Blimey - I hope 52 isn't too old to start because this applies to me as well. Great advice everyone and a great forum - thanks. Building up a mile at a time...


----------



## Peteaud (3 May 2012)

I go mountain biking with guys older than 52.

And most of them are fitter than me 10 years younger.


----------



## Wonder Wheels (5 May 2012)

I see people over 52 cycling all the time.


----------



## rollinstok (5 May 2012)

I see a 53 yr old every time I look in the mirror
Never too old to try ( almost ) anything


----------



## PpPete (5 May 2012)

Started back into cycling at 51 (after 25 odd years) - rode John o' Groats to Land's End at 52
Go for it !


----------



## Pedal pusher (5 May 2012)

GetAGrip said:


> Wow, didn't know that. Hope that day never comes for me! I just love all things milky. Shakes and puds, or just take it straight. Lovely!

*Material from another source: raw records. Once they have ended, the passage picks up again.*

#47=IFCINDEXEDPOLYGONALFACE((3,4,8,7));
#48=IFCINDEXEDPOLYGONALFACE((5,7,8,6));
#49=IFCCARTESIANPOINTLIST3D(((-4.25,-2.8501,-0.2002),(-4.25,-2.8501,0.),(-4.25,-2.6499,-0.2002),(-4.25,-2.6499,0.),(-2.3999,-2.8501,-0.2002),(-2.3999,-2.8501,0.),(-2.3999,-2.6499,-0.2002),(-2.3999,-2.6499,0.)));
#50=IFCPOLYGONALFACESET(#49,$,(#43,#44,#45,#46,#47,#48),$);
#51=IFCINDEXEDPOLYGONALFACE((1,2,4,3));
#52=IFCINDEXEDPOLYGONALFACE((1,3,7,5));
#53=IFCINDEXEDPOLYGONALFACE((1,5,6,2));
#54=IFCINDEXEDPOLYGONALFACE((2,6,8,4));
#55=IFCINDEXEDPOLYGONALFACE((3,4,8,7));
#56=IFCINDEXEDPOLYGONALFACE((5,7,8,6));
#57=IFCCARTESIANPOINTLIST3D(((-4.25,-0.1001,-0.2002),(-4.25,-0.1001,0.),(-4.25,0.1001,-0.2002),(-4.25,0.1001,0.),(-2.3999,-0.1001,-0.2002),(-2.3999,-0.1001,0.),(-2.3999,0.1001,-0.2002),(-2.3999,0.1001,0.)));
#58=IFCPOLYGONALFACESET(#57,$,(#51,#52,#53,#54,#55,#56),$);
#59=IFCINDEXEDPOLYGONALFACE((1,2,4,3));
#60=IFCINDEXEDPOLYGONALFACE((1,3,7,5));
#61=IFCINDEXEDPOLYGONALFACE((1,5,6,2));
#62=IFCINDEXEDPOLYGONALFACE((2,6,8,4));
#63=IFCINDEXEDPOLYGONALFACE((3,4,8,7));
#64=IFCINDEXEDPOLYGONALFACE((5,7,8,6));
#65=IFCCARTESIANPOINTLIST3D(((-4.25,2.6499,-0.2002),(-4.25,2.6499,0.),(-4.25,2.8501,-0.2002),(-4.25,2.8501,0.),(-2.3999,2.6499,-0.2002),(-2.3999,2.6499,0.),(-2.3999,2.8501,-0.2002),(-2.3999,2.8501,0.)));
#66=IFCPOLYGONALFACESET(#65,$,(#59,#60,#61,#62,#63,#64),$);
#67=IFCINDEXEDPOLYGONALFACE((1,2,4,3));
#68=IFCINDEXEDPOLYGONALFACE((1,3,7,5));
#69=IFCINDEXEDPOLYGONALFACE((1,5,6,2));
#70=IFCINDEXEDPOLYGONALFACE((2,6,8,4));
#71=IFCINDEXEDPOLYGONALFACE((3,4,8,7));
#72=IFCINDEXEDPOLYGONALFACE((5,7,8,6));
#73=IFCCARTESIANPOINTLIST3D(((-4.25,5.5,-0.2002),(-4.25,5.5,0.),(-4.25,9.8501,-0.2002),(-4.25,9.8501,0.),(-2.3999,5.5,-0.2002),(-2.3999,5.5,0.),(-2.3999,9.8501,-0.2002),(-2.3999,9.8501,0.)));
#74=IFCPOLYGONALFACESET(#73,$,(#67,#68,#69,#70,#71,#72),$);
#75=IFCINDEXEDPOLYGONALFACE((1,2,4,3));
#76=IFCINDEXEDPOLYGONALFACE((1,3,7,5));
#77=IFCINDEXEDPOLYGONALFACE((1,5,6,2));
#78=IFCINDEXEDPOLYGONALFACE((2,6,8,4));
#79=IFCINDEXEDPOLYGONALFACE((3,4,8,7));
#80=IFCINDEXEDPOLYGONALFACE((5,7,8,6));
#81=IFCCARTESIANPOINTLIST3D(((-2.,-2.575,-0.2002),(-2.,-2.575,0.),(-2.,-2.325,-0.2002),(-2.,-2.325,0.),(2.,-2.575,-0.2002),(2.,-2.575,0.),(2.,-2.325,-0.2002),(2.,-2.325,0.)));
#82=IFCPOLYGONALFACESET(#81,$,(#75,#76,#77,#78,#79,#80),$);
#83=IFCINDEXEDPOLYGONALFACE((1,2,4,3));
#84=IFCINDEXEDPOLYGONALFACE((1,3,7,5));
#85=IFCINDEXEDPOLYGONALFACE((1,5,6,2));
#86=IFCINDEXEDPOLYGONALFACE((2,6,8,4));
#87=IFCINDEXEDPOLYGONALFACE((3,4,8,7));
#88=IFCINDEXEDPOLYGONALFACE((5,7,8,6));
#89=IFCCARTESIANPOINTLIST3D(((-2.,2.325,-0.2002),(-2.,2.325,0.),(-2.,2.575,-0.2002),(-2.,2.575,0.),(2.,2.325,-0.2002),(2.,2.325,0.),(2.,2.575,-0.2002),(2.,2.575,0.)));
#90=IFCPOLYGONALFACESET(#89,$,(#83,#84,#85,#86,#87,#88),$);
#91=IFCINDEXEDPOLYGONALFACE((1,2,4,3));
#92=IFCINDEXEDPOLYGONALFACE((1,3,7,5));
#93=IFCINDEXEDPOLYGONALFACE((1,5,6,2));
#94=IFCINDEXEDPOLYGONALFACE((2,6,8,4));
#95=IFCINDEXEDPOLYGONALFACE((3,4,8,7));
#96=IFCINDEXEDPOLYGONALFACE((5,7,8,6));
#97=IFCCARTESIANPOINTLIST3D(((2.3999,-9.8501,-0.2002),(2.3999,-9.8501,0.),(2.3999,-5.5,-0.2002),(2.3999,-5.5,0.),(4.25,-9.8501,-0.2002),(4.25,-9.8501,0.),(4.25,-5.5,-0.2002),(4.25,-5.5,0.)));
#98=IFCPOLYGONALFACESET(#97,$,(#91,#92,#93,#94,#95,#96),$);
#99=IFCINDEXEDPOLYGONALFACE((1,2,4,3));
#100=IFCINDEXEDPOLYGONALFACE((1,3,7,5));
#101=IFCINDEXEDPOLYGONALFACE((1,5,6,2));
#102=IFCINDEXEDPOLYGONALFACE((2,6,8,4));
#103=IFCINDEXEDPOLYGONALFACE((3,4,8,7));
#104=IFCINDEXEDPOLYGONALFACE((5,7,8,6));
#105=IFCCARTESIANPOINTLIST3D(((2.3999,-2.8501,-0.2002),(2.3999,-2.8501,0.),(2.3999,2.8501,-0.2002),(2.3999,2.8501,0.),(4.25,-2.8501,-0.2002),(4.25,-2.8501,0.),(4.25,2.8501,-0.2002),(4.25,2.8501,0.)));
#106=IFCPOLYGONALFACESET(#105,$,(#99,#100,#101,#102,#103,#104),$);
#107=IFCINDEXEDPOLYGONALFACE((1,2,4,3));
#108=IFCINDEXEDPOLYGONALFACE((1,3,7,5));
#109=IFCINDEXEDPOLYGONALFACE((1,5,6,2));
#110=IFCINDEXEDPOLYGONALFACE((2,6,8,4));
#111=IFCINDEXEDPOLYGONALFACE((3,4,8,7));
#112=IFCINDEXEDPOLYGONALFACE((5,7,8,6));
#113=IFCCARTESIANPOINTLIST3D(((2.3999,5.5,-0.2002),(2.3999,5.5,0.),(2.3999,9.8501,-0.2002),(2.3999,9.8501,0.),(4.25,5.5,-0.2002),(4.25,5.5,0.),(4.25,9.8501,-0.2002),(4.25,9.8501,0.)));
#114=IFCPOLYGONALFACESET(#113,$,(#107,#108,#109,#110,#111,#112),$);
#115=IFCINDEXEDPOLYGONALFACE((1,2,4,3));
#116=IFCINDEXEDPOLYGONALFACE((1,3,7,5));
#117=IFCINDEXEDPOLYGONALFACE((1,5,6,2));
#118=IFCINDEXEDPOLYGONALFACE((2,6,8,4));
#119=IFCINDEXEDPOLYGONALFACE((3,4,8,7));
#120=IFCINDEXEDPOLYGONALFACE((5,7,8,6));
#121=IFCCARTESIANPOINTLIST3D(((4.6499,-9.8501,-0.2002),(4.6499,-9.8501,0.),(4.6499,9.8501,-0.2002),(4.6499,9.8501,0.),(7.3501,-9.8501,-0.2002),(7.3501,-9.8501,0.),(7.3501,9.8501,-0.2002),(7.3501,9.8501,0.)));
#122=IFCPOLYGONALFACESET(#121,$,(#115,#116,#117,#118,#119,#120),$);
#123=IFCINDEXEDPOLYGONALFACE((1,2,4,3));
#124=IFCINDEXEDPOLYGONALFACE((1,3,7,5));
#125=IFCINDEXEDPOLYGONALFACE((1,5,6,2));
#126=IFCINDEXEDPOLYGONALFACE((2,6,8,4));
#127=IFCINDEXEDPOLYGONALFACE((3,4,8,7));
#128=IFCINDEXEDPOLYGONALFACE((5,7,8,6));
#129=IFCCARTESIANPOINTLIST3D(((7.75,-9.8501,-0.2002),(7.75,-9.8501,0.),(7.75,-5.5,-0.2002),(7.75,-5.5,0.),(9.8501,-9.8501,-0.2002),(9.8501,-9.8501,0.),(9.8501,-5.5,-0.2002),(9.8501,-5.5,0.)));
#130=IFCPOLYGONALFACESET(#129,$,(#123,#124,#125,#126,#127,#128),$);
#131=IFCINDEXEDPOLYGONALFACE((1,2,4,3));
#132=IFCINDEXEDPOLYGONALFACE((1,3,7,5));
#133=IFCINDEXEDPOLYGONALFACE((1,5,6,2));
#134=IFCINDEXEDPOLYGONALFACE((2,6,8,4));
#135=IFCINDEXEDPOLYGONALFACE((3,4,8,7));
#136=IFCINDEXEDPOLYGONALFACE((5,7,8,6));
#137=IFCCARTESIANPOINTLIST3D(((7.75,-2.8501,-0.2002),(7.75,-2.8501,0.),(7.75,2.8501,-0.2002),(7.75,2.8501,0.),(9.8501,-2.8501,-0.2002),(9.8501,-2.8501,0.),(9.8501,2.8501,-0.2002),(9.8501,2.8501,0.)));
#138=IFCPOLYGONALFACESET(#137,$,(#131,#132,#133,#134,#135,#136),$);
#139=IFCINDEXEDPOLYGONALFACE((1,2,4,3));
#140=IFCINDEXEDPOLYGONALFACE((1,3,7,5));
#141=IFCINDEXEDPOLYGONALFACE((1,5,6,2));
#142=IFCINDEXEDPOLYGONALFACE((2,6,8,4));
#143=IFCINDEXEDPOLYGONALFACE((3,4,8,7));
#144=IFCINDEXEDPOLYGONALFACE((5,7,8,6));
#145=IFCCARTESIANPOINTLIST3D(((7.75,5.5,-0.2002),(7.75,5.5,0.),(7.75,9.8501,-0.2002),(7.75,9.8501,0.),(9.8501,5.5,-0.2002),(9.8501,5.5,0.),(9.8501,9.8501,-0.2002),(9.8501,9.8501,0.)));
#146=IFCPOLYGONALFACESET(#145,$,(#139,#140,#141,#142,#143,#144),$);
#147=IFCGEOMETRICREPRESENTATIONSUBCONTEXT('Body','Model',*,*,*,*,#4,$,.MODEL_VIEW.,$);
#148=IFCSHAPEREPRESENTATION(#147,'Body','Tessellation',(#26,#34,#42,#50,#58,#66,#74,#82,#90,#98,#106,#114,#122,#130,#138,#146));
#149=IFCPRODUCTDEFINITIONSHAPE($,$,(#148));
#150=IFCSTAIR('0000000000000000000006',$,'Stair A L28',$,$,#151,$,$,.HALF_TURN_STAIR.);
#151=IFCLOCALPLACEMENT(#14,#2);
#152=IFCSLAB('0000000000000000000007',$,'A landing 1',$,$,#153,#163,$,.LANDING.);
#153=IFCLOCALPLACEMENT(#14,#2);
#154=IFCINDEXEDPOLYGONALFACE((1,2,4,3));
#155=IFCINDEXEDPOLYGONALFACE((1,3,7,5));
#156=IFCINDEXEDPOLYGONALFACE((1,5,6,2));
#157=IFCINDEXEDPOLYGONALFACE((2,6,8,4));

I'm with you I can't imagine life without milk. Milky Bar Kid aged 54


----------



## Steve at Tern (8 May 2012)

johnr said:


> I'm 59 and been at the cycling for about a decade. I love it and am fitter now than I've every been, and I've had rheumatoid arthritis for 30 years.
> 
> However, at our age, preparation is the key, it's not so easy to just go out and do the stuff we used to do.
> 
> ...


Couldn't agree more John.
I'm the same age - 59 - and started 9 or 10 years ago, as a great alternative to walking (you get to see more) or running (which was always seen as a punishment at school, and I've never got over it!)
I decided on an alloy road bike from eBay rather than a hybrid, although I think I was lucky in finding a real enthusiast who was trading up from his Cannondale R500. Modern hybrid/flat bar road bikes are just superb - steer clear of a mountain bike though, they're best kept for mountains.
John's Point 5 is the best one - build up steadily and keep going. 
Enjoy.


----------



## ayceejay (8 May 2012)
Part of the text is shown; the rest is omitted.